What Will It Mean If LIGO Detects Gravitational Waves? - oneworld
https://www.theguardian.com/science/2016/feb/09/watch-this-spacetime-gravitational-wave-discovery-expected
======
antognini
Not only will the discovery of gravitational waves confirm an important
prediction of general relativity, but it will be the first test of GR in the
strong gravity regime. So far, all the tests of GR have been in the weak
gravity regime, where Newton's law of gravity is approximately correct. The
precession of Mercury's perihelion, gravitational redshift, the gravitational
deflection of light, and the measurement of frame dragging by Gravity Probe B
have all been probing similar regions of parameter space --- slow velocities
(compared to the speed of light) and weak gravity (i.e. far from the event
horizon of a black hole).

If the rumors are true that LIGO has detected the merger of two black holes,
the observed waveform will be the first test of the predictions of general
relativity in the strong gravity limit.

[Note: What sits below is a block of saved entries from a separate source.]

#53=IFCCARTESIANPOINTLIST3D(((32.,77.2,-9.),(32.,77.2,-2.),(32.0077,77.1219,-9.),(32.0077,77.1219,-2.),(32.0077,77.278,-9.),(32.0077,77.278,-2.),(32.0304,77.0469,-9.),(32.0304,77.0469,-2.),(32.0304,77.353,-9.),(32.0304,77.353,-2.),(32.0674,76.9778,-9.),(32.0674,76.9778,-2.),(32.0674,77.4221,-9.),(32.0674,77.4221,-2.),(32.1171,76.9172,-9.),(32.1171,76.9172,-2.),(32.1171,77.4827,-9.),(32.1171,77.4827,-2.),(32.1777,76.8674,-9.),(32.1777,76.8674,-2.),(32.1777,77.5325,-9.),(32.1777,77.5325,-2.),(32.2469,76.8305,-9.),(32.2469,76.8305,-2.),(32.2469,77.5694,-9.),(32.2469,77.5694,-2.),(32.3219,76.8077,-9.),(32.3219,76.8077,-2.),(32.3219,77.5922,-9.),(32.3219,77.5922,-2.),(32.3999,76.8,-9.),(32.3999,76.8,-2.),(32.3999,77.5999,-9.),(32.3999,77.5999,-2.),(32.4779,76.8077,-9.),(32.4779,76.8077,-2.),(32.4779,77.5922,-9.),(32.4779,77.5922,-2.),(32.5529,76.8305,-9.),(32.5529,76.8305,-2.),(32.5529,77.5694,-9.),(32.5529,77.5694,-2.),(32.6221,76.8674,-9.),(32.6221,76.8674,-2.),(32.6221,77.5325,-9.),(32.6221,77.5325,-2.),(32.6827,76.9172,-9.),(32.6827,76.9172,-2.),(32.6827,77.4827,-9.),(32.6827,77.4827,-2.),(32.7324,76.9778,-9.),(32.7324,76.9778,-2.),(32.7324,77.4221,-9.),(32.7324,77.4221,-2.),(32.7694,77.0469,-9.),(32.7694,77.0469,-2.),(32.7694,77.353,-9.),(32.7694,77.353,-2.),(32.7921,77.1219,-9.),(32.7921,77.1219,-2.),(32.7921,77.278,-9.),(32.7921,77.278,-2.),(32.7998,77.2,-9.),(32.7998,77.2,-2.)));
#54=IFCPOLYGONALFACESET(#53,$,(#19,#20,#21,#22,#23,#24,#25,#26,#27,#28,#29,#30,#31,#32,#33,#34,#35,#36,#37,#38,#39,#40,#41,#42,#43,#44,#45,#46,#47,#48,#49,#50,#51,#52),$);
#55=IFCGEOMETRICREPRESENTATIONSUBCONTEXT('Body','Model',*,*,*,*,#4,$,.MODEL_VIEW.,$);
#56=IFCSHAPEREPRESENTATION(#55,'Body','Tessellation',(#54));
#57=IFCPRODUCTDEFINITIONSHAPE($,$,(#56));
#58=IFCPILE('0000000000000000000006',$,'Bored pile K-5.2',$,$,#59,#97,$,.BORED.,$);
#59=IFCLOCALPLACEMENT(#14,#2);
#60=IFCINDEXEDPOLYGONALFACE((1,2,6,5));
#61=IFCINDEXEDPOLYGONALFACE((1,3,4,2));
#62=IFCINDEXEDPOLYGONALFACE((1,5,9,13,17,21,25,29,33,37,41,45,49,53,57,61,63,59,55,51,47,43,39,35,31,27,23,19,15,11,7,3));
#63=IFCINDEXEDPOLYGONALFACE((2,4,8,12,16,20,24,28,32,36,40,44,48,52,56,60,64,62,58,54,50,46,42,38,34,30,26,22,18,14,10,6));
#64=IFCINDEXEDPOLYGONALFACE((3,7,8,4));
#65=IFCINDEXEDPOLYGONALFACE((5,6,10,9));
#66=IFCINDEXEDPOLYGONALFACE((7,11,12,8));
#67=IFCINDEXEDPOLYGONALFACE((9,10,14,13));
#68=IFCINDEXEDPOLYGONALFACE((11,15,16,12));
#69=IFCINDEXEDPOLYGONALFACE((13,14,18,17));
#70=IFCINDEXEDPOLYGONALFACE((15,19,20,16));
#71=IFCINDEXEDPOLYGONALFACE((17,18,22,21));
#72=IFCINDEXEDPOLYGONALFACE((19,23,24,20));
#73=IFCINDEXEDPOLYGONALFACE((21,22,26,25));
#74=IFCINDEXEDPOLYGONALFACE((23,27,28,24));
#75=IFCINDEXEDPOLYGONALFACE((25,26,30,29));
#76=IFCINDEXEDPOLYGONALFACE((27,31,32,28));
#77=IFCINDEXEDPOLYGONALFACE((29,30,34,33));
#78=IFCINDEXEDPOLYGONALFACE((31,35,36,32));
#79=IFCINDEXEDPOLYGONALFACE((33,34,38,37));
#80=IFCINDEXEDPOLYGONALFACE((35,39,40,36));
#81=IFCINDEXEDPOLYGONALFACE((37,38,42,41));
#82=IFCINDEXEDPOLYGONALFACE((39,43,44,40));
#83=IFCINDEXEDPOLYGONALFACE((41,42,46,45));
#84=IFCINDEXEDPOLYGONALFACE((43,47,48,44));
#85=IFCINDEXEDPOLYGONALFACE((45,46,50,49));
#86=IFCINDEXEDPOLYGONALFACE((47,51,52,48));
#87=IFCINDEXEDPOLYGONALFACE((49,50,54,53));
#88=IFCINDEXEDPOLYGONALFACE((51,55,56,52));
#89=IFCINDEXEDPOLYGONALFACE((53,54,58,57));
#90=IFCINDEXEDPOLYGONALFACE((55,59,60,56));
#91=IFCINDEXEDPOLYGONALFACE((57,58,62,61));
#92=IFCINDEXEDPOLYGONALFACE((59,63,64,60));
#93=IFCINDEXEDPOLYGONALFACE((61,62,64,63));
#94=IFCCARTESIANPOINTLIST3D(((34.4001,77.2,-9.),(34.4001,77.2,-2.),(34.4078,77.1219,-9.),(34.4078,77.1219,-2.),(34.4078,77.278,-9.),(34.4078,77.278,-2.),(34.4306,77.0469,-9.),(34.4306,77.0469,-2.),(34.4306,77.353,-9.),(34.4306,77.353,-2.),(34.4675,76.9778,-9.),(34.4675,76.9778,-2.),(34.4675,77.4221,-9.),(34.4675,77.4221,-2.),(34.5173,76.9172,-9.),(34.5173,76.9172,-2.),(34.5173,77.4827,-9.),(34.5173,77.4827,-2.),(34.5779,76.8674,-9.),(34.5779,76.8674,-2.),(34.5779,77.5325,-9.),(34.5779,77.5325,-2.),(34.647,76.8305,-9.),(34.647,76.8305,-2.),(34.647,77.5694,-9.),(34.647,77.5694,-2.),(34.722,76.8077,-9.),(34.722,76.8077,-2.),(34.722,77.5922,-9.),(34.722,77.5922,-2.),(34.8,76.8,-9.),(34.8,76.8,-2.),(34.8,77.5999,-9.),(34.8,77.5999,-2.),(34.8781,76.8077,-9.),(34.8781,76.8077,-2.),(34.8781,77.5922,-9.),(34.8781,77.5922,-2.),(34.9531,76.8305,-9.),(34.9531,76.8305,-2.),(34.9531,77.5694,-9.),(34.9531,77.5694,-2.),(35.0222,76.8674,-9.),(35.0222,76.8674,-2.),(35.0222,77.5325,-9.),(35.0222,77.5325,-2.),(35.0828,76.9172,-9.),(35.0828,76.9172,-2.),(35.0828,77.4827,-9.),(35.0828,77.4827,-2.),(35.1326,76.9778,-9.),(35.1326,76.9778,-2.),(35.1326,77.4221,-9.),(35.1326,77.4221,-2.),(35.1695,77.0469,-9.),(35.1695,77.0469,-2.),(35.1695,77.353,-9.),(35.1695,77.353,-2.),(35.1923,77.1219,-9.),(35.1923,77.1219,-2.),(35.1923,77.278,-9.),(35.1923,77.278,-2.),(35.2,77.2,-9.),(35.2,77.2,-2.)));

This is the most interesting limit
because this is where physics diverges the most from Newtonian gravity.
Moreover, it's much easier to detect deviations from general relativity in
this limit.

LIGO's detection won't be the only test of GR in the strong gravity limit for
too long, however. The Event Horizon Telescope has been trying to directly
observe the event horizon of the supermassive black hole at the center of the
Milky Way (or its shadow, anyway) and should have its first images within a
few years.

------
madaxe_again
I'm curious as to why ligo is the only project ever mentioned, particularly
given that they _have_ to work with virgo and geo600 to be able to triangulate
their observations - a two axis interferometer only gives you partial
information.

Better PR team?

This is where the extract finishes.